EEG preprocessing, stage by stage · Blog

Walking through the seven preprocessing stages that take a raw LEMON recording from disk to the input my Conv-VaDE actually sees.

I get asked the same thing a lot: what exactly happens between “raw EEG file on disk” and “the 40x40 topomap the model trains on”. So this post walks through it on one participant (010004, eyes-closed), one fixed 76 ms window, every stage shown side by side. The point is that each stage does something specific and the figure shows you what.
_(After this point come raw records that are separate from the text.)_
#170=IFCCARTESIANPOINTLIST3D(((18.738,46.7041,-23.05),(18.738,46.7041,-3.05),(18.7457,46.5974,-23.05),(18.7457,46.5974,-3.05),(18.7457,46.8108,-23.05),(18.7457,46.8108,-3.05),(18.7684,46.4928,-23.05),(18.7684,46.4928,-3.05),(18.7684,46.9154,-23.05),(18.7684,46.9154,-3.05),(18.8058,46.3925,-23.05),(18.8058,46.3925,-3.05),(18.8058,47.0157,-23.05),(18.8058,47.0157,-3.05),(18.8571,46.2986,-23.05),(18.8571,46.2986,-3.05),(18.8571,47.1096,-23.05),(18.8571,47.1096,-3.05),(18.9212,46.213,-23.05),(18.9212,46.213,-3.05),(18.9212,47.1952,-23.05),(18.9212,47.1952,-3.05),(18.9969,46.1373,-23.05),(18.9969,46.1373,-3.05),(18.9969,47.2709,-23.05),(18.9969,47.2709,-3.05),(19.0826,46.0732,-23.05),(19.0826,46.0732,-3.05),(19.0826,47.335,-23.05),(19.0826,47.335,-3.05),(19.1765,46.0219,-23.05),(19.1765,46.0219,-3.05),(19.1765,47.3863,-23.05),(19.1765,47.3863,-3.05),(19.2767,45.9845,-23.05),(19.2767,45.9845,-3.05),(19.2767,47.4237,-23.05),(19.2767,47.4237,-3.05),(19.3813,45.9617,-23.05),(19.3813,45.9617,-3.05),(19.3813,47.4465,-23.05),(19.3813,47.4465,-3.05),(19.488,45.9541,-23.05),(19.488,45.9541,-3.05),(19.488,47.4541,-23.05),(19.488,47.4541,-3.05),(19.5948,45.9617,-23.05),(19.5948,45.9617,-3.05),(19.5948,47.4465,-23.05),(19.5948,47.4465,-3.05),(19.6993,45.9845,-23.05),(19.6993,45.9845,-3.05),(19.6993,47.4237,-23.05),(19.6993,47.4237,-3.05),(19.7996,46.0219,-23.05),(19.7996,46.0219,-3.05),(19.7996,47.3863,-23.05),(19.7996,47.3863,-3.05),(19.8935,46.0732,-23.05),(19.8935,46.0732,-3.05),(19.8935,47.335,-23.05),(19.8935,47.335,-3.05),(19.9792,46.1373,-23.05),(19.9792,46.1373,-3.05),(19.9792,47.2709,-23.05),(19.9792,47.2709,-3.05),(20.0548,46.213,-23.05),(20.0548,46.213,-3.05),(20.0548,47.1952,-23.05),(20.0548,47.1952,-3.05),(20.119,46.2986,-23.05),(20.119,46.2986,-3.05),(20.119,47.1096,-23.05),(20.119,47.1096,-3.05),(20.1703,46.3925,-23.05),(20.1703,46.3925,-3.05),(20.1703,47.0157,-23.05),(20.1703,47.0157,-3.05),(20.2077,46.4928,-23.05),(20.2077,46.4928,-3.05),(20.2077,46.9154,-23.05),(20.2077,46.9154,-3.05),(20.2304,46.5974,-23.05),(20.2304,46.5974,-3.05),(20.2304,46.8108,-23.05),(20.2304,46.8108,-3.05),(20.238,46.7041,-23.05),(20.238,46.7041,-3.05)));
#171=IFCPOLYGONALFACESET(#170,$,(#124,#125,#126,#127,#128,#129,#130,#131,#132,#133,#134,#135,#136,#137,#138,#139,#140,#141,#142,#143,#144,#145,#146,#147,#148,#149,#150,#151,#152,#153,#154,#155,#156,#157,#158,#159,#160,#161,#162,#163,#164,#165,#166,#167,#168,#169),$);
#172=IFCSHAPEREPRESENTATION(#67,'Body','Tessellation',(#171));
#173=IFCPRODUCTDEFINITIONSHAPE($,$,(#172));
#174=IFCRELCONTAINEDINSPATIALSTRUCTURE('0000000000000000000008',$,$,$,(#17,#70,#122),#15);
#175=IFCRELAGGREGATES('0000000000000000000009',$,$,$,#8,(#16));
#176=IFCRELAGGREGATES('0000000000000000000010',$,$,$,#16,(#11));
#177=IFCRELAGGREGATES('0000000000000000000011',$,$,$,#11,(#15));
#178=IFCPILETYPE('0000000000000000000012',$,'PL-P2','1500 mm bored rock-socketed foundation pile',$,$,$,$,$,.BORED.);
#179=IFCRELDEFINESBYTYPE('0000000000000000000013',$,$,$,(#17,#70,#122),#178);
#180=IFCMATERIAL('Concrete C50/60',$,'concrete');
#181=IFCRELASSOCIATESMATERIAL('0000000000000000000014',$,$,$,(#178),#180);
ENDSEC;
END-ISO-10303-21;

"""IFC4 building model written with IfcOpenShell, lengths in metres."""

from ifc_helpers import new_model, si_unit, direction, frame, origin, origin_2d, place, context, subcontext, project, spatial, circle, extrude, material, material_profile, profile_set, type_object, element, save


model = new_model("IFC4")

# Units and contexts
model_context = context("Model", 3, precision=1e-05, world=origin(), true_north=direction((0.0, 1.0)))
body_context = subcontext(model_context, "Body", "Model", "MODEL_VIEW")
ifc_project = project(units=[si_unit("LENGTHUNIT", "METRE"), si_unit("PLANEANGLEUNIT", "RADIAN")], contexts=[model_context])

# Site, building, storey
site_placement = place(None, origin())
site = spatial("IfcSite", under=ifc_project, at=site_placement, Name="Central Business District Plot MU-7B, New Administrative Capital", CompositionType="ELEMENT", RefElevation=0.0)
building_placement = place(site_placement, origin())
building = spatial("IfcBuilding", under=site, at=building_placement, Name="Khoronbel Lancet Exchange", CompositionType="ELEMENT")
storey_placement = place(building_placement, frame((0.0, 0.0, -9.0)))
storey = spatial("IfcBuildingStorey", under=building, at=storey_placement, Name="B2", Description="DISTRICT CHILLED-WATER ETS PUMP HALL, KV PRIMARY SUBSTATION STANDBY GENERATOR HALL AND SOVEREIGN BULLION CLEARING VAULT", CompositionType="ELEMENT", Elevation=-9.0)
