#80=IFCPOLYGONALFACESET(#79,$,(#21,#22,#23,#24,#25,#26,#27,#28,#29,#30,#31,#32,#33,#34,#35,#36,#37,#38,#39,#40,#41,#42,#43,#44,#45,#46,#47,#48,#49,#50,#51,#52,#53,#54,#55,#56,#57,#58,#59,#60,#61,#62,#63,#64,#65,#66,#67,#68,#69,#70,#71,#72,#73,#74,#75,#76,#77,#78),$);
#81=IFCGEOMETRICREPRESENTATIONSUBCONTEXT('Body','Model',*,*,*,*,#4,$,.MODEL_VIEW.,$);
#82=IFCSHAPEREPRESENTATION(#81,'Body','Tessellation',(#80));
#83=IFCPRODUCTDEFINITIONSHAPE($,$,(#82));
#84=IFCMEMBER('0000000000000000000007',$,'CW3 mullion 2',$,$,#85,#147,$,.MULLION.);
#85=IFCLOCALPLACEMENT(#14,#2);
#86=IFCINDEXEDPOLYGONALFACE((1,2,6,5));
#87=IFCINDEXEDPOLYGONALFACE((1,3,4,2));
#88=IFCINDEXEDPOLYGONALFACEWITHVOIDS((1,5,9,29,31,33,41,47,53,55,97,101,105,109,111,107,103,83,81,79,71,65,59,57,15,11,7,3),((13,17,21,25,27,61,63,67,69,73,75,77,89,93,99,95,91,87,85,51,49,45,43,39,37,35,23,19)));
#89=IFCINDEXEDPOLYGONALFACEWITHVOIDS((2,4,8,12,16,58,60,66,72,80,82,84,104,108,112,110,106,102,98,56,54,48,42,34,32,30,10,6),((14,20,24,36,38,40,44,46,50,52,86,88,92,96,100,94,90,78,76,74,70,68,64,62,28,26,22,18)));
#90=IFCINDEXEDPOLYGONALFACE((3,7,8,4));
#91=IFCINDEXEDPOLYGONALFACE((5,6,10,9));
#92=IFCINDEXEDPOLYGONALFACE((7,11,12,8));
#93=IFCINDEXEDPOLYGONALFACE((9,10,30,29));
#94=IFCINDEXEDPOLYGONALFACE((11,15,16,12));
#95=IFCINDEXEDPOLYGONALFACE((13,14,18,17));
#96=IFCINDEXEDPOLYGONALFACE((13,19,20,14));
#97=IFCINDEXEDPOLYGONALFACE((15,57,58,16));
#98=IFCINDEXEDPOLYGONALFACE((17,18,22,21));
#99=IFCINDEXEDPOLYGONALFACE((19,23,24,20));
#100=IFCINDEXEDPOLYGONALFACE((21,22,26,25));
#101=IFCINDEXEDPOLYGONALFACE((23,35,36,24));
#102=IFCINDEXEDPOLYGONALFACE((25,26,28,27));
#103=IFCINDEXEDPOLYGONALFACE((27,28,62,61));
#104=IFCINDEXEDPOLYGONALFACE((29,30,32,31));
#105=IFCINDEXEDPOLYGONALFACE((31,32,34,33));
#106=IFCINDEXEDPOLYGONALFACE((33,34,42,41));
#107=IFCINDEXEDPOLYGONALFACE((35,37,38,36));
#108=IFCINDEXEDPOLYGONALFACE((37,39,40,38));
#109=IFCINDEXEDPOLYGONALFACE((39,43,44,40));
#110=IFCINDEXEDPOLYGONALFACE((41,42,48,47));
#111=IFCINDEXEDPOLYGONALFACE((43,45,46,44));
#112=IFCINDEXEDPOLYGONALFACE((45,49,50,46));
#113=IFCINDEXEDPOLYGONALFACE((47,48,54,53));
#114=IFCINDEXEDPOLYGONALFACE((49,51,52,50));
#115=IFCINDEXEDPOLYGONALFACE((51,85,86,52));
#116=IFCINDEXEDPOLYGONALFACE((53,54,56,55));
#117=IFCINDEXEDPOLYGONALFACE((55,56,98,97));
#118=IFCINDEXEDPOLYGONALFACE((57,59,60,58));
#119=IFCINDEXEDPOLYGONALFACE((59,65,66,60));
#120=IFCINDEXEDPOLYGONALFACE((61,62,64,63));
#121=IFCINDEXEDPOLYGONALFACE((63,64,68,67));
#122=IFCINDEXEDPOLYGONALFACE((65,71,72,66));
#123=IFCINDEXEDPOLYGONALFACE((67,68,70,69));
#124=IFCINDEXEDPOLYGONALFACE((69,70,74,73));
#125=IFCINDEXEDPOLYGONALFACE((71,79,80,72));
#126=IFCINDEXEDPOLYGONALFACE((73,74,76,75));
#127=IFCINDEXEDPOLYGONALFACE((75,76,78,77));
The whole thing reuses one window. Same start time, same number of frames, same frame spacing. Anything that looks different between stages is the stage’s doing.

Setup

!pip install mne pycrostates

import numpy as np
import matplotlib.pyplot as plt
import mne
from mne.io import read_raw_eeglab
from pycrostates.datasets import lemon
from pycrostates.preprocessing import extract_gfp_peaks
from scipy.interpolate import griddata
import math as m

mne.set_log_level("WARNING")

plt.rcParams.update({
    "figure.dpi": 110,
    "image.cmap": "RdBu_r",
})

SUBJECT_ID = "010004"
CONDITION  = "EC"

L_FREQ     = 2.0
H_FREQ     = 20.0
CLIP_STD   = 5.0
TOPO_GRID  = 40

# One fixed window reused across every stage so figures are directly comparable.
START_SEC  = 30.0
N_FRAMES   = 20
STEP       = 1
N_COLS     = 10

Stage 0: raw from disk

Read the participant’s eyes-closed recording. No reference, no filter, nothing.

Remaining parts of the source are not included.